# Changing out backstraps on XDm?



## Jon54

I just got an XDm with the interchangable backstraps. I inserted a small nail into the hole but the nail wasn't long enough. How far do I need to insert an object to change out these? Also, what will I feel when I insert the object?


----------



## VAMarine

I want to say that the pin that you have to remove is about 3/4" inch long, it's been a while since I've had mine out. 

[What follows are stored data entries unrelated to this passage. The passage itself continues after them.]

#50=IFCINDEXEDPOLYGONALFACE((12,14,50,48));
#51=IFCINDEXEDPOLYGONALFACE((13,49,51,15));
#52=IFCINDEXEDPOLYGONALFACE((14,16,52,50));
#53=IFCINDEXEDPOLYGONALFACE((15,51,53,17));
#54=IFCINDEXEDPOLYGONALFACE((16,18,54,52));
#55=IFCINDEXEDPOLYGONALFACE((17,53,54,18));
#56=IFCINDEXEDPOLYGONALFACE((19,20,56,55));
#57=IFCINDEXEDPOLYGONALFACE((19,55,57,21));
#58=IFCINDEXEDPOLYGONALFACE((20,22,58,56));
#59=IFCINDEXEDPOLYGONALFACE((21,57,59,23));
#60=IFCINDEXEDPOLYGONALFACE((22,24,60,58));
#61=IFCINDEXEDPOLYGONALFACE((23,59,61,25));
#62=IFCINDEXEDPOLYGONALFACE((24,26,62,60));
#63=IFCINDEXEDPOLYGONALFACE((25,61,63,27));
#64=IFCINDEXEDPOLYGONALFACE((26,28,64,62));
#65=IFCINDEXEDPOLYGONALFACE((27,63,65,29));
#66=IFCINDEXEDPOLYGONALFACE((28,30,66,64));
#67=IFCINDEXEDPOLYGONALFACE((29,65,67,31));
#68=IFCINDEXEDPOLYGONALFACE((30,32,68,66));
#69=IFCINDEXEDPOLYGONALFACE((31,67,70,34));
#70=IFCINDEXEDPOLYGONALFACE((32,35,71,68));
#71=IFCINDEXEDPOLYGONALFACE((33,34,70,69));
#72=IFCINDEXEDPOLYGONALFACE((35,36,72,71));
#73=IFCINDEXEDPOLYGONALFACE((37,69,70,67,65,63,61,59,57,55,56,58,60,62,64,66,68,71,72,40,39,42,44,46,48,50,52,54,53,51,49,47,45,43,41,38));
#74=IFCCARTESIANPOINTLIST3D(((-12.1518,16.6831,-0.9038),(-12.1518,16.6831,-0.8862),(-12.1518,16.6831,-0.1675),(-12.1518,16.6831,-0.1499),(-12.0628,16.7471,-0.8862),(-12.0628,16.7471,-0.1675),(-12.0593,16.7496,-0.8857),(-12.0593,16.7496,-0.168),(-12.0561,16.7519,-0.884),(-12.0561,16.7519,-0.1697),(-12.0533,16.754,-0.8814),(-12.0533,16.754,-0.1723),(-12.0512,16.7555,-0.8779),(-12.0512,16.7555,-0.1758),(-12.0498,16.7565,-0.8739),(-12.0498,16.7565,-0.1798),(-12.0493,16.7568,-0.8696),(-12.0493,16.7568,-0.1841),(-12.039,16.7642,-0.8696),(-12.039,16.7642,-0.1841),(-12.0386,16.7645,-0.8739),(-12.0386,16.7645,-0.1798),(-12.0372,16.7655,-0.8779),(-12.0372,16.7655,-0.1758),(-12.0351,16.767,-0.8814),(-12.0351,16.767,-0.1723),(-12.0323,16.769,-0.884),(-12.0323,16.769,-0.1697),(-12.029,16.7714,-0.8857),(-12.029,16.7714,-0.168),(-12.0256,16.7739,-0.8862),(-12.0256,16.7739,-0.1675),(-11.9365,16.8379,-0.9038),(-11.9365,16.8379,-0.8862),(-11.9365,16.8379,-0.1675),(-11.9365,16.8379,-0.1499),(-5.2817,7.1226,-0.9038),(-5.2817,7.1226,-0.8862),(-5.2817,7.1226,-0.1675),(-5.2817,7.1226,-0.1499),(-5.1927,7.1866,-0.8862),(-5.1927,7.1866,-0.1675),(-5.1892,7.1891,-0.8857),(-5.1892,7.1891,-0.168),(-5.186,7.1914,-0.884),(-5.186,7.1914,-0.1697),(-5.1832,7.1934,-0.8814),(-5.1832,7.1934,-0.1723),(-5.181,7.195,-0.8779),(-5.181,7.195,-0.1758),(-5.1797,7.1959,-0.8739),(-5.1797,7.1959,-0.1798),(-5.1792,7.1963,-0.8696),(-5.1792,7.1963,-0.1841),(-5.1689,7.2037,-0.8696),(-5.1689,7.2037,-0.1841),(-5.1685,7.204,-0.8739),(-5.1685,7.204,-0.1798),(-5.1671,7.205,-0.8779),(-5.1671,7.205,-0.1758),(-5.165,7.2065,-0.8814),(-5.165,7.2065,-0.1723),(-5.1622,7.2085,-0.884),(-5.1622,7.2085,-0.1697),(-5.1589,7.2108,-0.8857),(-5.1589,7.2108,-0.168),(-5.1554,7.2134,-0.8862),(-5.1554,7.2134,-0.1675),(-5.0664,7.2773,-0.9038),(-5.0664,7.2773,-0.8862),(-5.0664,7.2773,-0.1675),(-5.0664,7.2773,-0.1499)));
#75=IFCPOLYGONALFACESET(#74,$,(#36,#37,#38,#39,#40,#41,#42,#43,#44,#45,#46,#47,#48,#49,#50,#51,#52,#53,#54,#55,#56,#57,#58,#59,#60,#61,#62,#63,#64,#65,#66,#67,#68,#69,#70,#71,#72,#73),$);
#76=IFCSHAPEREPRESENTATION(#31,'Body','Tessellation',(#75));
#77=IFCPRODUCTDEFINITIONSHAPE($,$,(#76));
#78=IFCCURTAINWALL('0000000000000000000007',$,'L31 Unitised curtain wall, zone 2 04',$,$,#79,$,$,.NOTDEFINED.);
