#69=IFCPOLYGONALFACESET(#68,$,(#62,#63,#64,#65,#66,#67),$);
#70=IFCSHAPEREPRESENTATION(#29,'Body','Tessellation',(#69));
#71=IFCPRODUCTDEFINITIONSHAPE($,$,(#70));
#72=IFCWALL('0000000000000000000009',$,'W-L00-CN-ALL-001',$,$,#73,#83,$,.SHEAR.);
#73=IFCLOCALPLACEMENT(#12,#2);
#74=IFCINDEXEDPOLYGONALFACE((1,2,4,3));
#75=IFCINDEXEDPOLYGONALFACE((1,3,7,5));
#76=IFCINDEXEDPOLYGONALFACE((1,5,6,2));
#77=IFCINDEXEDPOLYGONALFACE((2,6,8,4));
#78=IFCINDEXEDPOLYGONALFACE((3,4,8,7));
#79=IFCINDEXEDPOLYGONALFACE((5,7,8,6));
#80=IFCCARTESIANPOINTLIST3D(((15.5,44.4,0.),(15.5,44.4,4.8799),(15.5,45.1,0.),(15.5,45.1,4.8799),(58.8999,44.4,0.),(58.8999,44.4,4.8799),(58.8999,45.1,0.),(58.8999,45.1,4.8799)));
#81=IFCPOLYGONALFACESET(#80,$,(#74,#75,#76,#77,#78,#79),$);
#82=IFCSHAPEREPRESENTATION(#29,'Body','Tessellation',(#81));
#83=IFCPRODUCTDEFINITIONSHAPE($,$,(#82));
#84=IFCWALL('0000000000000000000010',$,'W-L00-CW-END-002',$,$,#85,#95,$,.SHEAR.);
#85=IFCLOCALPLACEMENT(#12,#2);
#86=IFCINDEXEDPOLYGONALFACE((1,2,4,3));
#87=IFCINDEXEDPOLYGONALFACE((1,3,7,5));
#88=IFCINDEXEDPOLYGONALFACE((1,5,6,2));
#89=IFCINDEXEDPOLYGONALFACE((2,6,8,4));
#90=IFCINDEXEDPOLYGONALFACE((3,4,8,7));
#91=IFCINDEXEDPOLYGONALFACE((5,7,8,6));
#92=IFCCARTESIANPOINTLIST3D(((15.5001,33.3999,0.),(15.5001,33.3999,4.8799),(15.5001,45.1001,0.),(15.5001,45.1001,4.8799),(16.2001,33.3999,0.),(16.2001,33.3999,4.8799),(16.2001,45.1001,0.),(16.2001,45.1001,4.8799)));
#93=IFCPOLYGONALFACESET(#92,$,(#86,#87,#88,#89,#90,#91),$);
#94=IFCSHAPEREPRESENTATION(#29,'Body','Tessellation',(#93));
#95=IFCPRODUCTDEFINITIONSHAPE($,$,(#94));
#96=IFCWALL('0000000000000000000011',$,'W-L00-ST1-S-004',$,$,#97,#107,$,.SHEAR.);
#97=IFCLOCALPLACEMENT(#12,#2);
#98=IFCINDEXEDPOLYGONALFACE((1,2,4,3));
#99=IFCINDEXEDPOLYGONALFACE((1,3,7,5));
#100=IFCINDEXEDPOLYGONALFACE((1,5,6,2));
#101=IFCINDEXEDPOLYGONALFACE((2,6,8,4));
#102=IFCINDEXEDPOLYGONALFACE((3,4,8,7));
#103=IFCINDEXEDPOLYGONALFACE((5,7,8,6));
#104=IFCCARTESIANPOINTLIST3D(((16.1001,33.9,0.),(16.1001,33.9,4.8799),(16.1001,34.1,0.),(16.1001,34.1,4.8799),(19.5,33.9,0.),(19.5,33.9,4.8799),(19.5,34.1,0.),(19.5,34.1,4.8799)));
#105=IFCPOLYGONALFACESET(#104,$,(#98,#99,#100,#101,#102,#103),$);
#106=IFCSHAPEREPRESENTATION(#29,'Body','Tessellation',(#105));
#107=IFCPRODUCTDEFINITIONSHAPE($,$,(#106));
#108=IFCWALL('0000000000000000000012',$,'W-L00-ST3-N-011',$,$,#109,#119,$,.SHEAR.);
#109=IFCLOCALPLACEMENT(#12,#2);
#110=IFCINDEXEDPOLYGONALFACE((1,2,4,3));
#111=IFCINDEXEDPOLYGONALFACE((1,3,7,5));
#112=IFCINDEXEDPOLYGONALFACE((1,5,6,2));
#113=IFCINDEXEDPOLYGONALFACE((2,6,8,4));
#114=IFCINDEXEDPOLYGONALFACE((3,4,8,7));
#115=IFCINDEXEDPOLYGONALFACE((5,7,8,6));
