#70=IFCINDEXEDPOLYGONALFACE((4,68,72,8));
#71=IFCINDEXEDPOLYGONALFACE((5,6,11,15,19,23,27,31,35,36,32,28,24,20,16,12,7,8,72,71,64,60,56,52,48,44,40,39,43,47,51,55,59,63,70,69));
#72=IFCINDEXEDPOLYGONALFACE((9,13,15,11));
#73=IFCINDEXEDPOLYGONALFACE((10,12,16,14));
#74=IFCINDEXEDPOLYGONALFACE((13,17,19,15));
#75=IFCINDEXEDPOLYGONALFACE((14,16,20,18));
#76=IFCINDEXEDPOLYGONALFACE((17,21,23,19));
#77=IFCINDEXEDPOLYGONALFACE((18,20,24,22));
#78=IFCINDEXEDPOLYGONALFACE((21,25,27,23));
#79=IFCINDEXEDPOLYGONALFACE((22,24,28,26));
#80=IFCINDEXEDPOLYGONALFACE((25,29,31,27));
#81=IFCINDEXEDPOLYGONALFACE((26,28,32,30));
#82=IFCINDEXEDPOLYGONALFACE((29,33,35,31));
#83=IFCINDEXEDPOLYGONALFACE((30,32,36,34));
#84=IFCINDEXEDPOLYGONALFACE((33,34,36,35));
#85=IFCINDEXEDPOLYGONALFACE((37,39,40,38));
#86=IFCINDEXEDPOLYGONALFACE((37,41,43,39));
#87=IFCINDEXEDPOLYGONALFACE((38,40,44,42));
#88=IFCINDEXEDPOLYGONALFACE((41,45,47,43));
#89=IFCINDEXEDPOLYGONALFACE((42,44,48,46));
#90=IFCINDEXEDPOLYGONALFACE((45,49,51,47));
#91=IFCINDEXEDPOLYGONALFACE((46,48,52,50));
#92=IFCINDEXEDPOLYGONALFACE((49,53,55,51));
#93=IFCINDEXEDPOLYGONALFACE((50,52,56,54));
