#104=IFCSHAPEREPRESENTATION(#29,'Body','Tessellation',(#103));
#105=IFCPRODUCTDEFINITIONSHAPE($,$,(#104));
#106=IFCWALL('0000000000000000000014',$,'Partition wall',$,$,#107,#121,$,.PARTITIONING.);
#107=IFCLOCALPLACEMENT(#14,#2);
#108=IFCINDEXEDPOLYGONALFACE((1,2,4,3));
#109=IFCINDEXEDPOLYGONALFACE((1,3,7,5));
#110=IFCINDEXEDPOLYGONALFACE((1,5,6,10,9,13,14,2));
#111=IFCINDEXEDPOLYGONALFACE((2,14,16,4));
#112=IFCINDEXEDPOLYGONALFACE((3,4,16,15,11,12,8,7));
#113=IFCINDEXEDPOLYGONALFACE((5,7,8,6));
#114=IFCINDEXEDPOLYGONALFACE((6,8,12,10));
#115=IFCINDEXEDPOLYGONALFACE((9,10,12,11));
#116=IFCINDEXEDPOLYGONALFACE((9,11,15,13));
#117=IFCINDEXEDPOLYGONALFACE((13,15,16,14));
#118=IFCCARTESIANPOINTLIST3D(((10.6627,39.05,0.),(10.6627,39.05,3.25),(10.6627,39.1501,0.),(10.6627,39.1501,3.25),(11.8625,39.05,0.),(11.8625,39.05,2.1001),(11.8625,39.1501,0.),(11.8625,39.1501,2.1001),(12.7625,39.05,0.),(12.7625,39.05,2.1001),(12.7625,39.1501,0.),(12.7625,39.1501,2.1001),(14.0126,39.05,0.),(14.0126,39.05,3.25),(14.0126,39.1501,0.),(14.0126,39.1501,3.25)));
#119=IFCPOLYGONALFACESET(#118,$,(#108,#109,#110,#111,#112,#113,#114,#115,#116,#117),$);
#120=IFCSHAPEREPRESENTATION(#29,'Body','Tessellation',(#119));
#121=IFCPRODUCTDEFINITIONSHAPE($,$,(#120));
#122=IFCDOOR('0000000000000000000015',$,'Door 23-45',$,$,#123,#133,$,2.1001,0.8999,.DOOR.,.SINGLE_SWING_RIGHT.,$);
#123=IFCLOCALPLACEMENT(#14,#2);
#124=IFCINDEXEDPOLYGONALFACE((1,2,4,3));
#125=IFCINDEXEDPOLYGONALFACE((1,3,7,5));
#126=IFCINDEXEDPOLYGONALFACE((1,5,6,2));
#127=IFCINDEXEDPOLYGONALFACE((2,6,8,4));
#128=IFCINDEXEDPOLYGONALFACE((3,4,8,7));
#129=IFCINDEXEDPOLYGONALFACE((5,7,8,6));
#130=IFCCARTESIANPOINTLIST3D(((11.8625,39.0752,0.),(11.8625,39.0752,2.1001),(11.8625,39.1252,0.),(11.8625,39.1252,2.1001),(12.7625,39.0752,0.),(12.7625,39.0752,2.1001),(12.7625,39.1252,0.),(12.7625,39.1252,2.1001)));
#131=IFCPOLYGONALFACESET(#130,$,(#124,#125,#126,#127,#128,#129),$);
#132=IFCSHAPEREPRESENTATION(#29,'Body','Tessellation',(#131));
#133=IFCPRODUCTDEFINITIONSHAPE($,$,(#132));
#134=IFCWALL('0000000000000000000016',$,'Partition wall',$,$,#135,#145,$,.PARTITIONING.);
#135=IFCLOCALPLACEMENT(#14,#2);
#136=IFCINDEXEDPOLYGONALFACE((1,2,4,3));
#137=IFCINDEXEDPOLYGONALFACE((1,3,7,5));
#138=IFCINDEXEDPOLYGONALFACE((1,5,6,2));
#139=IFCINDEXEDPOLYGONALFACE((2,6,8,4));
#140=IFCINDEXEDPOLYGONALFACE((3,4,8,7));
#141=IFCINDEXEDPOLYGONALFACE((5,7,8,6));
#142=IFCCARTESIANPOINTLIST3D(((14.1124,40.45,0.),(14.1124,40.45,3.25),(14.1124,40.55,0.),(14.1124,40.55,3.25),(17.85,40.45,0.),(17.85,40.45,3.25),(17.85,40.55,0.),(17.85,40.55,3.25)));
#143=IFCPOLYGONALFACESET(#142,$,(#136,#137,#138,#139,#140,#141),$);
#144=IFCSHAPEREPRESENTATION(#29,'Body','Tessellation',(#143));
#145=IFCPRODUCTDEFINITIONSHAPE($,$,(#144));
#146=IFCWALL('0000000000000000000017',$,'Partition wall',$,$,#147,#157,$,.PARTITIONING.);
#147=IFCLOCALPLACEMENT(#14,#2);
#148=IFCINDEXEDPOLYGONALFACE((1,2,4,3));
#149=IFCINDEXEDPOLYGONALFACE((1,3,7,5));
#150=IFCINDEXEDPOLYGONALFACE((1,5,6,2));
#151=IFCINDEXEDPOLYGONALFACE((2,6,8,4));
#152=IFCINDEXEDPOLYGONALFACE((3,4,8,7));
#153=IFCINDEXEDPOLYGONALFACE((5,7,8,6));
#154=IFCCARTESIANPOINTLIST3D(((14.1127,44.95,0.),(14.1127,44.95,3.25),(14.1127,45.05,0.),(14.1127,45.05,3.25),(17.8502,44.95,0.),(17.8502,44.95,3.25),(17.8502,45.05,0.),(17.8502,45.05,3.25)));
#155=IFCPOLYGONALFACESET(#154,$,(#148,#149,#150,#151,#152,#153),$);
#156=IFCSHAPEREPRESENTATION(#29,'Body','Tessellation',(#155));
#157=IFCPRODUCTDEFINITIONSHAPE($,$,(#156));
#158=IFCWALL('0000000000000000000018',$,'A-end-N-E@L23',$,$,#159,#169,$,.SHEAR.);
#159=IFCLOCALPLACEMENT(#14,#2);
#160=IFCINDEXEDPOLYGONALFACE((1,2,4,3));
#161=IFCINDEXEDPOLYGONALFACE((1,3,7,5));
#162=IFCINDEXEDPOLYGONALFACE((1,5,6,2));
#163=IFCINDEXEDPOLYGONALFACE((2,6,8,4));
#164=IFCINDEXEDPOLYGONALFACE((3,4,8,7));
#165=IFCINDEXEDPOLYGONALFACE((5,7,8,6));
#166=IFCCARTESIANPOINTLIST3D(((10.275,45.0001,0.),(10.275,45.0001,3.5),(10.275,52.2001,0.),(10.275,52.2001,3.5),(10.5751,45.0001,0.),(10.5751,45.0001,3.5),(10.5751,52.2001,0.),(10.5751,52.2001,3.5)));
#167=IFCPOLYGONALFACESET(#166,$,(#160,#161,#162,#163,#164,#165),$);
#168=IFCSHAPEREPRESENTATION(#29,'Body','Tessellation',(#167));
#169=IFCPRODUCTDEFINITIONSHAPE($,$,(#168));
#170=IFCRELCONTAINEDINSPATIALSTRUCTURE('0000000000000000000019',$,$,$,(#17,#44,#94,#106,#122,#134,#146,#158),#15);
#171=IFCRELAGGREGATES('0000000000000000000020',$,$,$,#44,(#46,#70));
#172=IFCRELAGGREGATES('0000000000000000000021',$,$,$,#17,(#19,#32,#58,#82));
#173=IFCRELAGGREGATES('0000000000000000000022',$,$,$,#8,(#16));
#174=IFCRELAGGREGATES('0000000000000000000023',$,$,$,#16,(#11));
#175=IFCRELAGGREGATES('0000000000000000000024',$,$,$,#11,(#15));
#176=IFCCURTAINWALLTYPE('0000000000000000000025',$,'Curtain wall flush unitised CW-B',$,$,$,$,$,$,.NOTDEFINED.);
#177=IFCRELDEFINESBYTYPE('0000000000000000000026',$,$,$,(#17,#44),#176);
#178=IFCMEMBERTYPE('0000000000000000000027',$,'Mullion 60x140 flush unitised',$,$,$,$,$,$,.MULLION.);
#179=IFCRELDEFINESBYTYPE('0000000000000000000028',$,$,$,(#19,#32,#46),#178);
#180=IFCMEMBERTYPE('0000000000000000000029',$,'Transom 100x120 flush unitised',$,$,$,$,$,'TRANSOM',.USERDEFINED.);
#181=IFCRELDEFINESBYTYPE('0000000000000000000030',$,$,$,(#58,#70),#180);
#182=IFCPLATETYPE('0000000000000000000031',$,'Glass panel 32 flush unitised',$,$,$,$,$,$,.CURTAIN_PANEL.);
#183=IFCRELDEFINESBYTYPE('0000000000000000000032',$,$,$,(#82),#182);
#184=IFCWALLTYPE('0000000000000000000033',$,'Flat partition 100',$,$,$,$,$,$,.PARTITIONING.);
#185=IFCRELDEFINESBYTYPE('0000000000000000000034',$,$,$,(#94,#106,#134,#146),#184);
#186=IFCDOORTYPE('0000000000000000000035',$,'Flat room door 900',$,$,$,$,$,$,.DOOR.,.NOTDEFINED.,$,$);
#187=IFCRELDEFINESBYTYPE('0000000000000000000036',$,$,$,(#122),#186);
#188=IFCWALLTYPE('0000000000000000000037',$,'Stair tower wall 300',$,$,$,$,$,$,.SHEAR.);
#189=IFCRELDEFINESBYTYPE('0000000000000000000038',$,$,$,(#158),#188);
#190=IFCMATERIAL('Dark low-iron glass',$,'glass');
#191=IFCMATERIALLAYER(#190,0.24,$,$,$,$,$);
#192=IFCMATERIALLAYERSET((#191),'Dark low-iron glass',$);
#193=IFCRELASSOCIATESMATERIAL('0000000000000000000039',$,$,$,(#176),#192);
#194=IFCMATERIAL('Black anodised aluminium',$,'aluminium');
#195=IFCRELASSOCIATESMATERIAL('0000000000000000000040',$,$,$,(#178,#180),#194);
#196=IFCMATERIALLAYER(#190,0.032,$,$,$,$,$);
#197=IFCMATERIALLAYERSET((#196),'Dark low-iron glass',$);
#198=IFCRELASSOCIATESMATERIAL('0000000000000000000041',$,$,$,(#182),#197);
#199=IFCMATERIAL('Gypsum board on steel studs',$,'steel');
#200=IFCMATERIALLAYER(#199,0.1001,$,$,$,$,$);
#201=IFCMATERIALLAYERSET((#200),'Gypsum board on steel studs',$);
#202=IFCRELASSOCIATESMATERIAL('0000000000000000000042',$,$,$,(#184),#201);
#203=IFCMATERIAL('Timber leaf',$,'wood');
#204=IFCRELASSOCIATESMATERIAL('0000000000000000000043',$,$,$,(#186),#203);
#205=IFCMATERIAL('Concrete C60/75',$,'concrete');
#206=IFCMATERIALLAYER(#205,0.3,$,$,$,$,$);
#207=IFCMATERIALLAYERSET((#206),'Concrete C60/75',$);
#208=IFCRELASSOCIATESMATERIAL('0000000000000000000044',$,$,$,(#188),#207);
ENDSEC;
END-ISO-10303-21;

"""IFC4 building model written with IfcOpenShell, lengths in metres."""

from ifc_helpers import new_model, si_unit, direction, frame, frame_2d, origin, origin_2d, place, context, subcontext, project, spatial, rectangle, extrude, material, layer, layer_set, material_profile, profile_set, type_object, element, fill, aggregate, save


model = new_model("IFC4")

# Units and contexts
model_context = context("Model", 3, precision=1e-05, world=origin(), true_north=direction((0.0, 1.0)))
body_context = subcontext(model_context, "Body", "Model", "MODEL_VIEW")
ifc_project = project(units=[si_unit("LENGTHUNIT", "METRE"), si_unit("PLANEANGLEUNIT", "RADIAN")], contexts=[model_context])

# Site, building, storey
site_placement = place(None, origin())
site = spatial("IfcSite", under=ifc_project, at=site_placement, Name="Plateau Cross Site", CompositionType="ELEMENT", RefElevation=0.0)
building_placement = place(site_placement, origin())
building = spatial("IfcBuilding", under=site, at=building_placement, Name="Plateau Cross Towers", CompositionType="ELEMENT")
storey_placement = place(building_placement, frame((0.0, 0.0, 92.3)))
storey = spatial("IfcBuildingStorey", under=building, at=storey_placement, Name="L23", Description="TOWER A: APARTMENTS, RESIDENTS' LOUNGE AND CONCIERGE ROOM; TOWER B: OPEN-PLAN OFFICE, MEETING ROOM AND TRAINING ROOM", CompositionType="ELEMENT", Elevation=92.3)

It's a steel roll pin. A nail may or may not do the trick as it's going to widen the end of the roll pin where the nail is making contact. Ideally you should use a roll pin punch, you'll need use the punch or other tool to get that pin almost all the way out of the grip, DO NOT USE PLIERS TO PULL OUT THE PIN ONCE IT'S POKING OUT AS YOU CAN CRUSH THE ROLL PIN. 

The pin may be a little stiff and hard to remove. I had to use a roll pin punch and small mallet the first time to get it out, but supposedly the newer guns are easier to work on...


----------



## Gunners_Mate

mines pretty new and it was a piece of work to get that roll pin out. had to nick a punch from work (temporarily) and even with my 8 ounce hammer had a hard time tapping it out. was wishing for my carpenters by the time I got it out.


----------



## SteveC

Check out the thread above on the same topic for tips. Definitely don't want to use a nail 'cause the point will stick into the roll. Ideally use a punch but a 3/32 allen wrench will work also. First time punching that pin out you'll probably need a few tips with a hammer.


----------